Pregunta

I was wondering how to take the best way to solve this situation. It's a database structure problem... Let's see the case.

I have some databases which have the same structure (let's say db_A, db_B, db_C). They are identical in structure but with different data, of course.

There's another database with permissions (db_permissions), and another with users (db_users).

The db_permissions structure table would be ID, permission; where permission is a unique string identifier (like post:create).

Now, there's a user which has different permissions on each table. For example: user 123 would have rights to write a post in db_A, rights to only read posts on db_B, and rights to read, write and delete posts on db_C.
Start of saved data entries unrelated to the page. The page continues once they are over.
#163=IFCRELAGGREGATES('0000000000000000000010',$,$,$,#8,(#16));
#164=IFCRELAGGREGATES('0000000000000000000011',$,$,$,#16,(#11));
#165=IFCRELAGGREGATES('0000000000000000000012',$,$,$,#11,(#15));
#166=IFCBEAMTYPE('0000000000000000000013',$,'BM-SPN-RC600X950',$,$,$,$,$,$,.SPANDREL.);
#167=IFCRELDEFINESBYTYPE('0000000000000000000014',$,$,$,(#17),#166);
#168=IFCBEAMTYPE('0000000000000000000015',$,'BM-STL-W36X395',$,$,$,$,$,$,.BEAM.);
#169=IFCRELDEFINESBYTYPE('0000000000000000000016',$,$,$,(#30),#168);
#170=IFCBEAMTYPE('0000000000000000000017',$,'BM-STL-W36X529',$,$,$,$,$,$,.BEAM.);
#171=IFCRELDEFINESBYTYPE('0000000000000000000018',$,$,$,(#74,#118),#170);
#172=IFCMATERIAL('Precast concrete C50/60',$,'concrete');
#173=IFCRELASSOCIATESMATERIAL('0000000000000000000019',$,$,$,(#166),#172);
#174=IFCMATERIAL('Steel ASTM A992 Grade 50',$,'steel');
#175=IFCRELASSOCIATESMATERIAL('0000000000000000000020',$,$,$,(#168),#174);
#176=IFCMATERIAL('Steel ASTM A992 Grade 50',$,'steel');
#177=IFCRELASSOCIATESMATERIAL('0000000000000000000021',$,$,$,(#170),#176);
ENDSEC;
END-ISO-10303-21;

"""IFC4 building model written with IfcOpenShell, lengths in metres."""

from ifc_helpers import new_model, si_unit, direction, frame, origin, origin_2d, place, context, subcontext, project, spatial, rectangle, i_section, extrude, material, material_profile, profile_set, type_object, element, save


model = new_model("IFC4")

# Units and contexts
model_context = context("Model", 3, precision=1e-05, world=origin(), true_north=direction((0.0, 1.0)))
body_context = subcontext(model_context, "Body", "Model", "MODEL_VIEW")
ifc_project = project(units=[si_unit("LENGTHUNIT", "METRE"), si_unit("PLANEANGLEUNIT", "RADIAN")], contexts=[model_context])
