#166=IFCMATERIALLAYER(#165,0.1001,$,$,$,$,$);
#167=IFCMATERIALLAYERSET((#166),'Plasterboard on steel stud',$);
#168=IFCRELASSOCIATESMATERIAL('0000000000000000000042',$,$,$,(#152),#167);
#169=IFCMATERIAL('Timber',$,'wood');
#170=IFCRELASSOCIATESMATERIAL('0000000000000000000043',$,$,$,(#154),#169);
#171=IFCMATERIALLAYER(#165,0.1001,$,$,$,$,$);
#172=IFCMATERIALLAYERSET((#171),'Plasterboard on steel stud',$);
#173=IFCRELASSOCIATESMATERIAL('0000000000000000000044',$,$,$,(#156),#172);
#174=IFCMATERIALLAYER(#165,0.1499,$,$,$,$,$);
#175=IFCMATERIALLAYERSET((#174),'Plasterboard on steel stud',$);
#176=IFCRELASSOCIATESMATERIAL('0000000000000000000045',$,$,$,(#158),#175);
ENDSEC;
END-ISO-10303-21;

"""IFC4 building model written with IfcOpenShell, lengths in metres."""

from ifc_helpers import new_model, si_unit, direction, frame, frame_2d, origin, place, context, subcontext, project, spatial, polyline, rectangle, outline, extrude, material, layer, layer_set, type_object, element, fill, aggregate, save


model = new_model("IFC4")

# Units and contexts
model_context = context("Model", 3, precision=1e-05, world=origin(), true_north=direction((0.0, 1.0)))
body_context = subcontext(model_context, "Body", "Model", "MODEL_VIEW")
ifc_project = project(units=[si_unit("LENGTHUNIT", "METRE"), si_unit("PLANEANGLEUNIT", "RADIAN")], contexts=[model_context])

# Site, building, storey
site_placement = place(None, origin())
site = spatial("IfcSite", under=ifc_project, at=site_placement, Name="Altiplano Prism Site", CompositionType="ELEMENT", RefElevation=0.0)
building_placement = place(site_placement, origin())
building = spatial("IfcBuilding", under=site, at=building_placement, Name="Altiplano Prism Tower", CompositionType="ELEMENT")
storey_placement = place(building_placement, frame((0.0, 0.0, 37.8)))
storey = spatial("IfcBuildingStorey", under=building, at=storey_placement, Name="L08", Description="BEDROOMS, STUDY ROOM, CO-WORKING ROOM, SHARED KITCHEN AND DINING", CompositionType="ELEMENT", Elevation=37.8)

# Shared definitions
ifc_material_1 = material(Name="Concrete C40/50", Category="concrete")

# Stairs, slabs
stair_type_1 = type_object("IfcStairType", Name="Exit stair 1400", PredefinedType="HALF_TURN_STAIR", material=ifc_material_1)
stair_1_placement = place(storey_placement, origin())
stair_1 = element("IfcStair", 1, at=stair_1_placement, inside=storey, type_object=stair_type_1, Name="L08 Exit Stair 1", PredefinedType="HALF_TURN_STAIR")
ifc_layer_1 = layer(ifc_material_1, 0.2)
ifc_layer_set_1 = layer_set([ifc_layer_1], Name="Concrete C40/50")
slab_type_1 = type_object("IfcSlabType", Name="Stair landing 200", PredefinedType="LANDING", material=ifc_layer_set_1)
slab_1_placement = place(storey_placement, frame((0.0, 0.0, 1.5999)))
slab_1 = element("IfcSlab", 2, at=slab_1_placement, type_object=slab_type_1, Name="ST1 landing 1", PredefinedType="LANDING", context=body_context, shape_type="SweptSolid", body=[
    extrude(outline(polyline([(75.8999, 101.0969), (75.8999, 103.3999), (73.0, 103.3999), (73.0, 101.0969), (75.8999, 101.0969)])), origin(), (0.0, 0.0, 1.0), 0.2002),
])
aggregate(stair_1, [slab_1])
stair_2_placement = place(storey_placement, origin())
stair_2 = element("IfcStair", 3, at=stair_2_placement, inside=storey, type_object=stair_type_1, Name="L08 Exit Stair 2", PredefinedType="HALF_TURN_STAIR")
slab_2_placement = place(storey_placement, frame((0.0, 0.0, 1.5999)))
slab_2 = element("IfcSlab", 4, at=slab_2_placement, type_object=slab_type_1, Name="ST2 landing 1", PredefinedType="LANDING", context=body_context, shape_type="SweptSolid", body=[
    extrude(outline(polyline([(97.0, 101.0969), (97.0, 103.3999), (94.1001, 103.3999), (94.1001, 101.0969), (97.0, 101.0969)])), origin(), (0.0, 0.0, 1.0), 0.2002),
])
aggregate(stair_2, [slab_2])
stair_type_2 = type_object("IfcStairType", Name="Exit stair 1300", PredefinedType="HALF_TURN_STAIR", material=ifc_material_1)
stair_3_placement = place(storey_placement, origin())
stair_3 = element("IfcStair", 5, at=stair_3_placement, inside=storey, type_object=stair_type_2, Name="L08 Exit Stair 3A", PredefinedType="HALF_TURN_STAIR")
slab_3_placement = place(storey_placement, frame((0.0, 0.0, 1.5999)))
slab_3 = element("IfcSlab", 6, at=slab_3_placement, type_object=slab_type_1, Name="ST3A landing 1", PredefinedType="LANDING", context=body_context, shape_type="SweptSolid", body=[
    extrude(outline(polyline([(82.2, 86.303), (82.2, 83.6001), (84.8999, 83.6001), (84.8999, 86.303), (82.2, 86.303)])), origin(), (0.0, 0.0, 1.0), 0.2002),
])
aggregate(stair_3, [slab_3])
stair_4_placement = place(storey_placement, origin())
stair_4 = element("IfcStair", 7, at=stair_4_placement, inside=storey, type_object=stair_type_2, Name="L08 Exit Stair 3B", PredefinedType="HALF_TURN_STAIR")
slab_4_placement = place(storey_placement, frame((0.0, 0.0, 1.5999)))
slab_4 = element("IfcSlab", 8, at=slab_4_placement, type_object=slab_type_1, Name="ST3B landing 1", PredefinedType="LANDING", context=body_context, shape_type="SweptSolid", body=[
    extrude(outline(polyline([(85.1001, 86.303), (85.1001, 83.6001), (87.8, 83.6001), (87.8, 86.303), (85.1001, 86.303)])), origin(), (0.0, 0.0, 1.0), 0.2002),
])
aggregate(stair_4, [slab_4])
My question is, how should I reference the permissions on each table?

  • Do I reference the unique string identifier (like post:create, post:read) and add this directly to each database permissions (like user_id - permission_string)?
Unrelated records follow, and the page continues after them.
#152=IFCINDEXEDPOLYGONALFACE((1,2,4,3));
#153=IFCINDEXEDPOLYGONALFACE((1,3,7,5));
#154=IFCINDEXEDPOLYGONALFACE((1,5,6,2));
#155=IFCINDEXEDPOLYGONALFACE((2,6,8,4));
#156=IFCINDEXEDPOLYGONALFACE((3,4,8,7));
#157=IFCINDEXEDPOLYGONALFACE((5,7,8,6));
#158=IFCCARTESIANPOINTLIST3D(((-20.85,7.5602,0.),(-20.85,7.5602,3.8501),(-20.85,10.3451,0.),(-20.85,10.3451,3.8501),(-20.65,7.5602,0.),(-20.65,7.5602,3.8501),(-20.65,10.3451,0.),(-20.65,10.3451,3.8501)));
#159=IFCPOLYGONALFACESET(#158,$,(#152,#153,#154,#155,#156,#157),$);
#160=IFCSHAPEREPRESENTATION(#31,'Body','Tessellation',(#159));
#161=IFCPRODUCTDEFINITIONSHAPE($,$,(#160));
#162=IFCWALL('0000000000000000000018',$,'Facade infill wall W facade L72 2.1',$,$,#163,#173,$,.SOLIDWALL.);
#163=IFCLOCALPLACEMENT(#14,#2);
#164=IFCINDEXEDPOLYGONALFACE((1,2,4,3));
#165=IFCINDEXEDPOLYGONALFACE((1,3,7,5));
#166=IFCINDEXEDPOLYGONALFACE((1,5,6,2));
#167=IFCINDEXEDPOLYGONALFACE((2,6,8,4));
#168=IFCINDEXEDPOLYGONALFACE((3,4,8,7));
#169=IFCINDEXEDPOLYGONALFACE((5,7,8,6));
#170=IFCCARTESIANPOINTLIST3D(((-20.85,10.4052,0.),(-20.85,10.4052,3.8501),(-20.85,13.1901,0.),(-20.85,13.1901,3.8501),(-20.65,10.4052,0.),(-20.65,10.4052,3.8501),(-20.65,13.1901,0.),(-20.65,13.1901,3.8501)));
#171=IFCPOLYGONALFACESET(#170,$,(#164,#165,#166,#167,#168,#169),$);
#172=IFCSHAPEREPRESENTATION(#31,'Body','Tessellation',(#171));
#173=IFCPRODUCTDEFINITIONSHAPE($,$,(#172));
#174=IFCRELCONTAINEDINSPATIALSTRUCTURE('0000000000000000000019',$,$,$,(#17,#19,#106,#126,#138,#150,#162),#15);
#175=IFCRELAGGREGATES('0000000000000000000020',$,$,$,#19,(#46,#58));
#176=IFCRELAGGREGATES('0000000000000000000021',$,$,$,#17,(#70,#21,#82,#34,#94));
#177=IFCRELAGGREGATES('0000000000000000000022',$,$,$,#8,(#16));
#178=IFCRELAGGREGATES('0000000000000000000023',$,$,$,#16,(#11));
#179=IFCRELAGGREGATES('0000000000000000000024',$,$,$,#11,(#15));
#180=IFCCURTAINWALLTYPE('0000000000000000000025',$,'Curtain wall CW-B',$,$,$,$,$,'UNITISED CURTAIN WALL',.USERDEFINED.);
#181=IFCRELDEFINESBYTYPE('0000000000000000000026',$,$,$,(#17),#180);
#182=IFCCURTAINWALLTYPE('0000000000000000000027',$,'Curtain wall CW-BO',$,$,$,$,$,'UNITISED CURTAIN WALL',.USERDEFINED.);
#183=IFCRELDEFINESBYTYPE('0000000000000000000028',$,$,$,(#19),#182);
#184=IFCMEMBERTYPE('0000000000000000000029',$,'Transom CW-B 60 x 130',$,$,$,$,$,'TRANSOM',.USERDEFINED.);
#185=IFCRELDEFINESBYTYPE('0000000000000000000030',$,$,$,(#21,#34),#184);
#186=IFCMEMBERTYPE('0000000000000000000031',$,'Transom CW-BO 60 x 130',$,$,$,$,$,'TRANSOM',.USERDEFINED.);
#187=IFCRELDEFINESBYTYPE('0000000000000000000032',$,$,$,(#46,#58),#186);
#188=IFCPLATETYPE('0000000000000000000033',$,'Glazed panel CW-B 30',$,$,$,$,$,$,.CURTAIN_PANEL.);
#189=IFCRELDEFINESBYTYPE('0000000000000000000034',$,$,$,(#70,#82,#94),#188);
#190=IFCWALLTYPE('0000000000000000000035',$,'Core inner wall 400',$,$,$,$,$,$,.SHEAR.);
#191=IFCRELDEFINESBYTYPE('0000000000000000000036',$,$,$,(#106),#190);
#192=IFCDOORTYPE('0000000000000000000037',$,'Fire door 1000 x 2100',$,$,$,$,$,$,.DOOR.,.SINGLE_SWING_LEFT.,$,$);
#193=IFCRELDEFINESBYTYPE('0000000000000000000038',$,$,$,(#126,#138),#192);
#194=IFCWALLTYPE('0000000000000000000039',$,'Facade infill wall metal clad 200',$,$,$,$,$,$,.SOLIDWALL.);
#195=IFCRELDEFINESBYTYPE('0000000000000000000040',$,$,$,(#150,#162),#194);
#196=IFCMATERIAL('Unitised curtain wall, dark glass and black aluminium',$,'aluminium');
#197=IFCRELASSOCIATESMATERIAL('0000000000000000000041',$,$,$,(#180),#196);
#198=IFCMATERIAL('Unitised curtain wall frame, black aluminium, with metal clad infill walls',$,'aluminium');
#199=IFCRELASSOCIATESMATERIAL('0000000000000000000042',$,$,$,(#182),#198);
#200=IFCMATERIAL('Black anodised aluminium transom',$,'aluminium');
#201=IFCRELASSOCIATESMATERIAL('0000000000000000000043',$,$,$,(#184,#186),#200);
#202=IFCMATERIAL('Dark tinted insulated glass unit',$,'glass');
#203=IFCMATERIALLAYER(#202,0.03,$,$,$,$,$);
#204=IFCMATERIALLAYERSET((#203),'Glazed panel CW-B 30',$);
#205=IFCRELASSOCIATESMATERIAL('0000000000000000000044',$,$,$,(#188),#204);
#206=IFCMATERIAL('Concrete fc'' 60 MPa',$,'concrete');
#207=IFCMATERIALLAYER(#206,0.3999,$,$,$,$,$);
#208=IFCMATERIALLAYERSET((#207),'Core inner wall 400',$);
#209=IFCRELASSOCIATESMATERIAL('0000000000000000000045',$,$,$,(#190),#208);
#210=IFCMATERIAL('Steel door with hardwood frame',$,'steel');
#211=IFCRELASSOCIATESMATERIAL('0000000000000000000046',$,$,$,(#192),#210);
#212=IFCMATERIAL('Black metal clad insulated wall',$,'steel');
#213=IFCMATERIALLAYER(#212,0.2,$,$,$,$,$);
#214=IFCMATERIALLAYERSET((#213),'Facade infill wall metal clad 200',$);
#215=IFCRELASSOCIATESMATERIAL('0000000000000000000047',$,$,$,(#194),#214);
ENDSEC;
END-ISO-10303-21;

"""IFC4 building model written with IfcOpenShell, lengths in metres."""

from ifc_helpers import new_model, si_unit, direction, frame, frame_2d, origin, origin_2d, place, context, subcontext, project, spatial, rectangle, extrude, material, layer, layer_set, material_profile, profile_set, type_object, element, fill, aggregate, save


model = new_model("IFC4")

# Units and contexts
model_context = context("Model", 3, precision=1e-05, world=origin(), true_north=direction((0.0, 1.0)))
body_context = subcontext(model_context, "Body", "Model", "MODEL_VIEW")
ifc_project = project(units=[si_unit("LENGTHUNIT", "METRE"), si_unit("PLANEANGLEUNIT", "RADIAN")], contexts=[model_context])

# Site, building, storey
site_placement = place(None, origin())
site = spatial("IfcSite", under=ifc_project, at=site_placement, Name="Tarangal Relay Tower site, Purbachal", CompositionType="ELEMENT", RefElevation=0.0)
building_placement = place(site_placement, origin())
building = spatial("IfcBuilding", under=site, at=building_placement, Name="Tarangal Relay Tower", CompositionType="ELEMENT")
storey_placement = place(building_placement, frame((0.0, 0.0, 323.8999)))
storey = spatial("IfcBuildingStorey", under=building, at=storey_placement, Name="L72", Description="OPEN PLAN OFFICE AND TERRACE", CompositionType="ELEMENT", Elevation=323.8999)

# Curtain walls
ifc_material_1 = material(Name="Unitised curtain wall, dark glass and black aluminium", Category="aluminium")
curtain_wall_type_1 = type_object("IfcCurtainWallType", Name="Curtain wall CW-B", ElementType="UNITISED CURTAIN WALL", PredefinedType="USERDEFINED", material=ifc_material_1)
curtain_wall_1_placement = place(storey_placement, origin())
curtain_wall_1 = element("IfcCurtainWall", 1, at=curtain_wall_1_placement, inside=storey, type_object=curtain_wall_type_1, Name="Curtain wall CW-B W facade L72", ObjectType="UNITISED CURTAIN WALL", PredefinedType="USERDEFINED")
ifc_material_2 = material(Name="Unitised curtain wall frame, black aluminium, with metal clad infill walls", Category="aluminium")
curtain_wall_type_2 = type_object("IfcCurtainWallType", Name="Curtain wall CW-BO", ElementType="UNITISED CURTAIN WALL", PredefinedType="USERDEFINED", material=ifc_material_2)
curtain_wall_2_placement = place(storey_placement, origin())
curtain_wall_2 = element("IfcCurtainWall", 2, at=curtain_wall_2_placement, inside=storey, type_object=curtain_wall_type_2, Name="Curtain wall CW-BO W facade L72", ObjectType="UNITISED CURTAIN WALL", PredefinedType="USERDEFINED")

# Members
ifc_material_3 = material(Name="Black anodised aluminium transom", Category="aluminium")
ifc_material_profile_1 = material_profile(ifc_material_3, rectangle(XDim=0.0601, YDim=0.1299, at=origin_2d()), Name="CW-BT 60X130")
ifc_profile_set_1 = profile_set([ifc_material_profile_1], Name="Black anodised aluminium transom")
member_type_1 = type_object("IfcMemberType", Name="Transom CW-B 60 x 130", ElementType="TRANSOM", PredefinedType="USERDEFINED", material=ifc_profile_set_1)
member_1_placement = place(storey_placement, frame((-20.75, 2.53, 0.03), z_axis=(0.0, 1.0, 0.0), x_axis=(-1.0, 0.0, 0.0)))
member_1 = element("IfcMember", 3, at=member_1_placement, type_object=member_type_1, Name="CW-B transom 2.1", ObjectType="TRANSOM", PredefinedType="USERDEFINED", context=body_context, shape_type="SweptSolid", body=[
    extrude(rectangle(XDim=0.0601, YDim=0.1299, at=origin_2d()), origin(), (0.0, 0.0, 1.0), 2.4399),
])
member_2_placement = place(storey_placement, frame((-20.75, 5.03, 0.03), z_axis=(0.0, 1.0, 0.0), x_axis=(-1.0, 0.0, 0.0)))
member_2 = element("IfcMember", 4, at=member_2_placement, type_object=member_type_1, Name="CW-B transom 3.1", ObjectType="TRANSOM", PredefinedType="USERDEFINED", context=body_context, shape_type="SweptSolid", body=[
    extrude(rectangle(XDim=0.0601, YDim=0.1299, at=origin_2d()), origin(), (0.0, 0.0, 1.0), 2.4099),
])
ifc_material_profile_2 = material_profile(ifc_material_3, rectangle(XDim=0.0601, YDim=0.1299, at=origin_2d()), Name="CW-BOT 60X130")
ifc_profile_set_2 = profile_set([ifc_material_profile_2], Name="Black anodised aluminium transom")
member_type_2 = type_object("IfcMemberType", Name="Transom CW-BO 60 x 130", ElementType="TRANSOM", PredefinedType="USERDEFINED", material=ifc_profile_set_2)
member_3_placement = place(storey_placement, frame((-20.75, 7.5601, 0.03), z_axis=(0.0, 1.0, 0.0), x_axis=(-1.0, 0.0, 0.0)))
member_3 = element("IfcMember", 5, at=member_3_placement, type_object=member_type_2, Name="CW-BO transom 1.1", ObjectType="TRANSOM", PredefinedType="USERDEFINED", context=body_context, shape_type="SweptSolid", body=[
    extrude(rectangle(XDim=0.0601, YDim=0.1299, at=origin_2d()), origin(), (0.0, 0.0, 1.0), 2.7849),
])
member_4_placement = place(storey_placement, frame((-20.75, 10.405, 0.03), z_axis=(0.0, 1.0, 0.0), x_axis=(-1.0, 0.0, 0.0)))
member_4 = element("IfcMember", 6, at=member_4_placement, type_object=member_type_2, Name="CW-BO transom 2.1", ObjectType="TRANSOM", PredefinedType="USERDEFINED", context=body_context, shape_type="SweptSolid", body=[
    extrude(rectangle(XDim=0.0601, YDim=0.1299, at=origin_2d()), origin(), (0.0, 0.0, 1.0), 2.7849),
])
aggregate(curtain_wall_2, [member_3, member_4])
  • Or do I reference them by the ID primary key on the permissions database (like user_id - permission_id)?

In my PHP script, when I check the permissions, I check by the unique string identifier.

What would you recommend? Would you use another structure for the permissions?

Thanks for your time and answers!

¿Fue útil?

Solución

If you have a permissions table that maps IDs to permission strings, then you should use those IDs in other tables that store user permissions.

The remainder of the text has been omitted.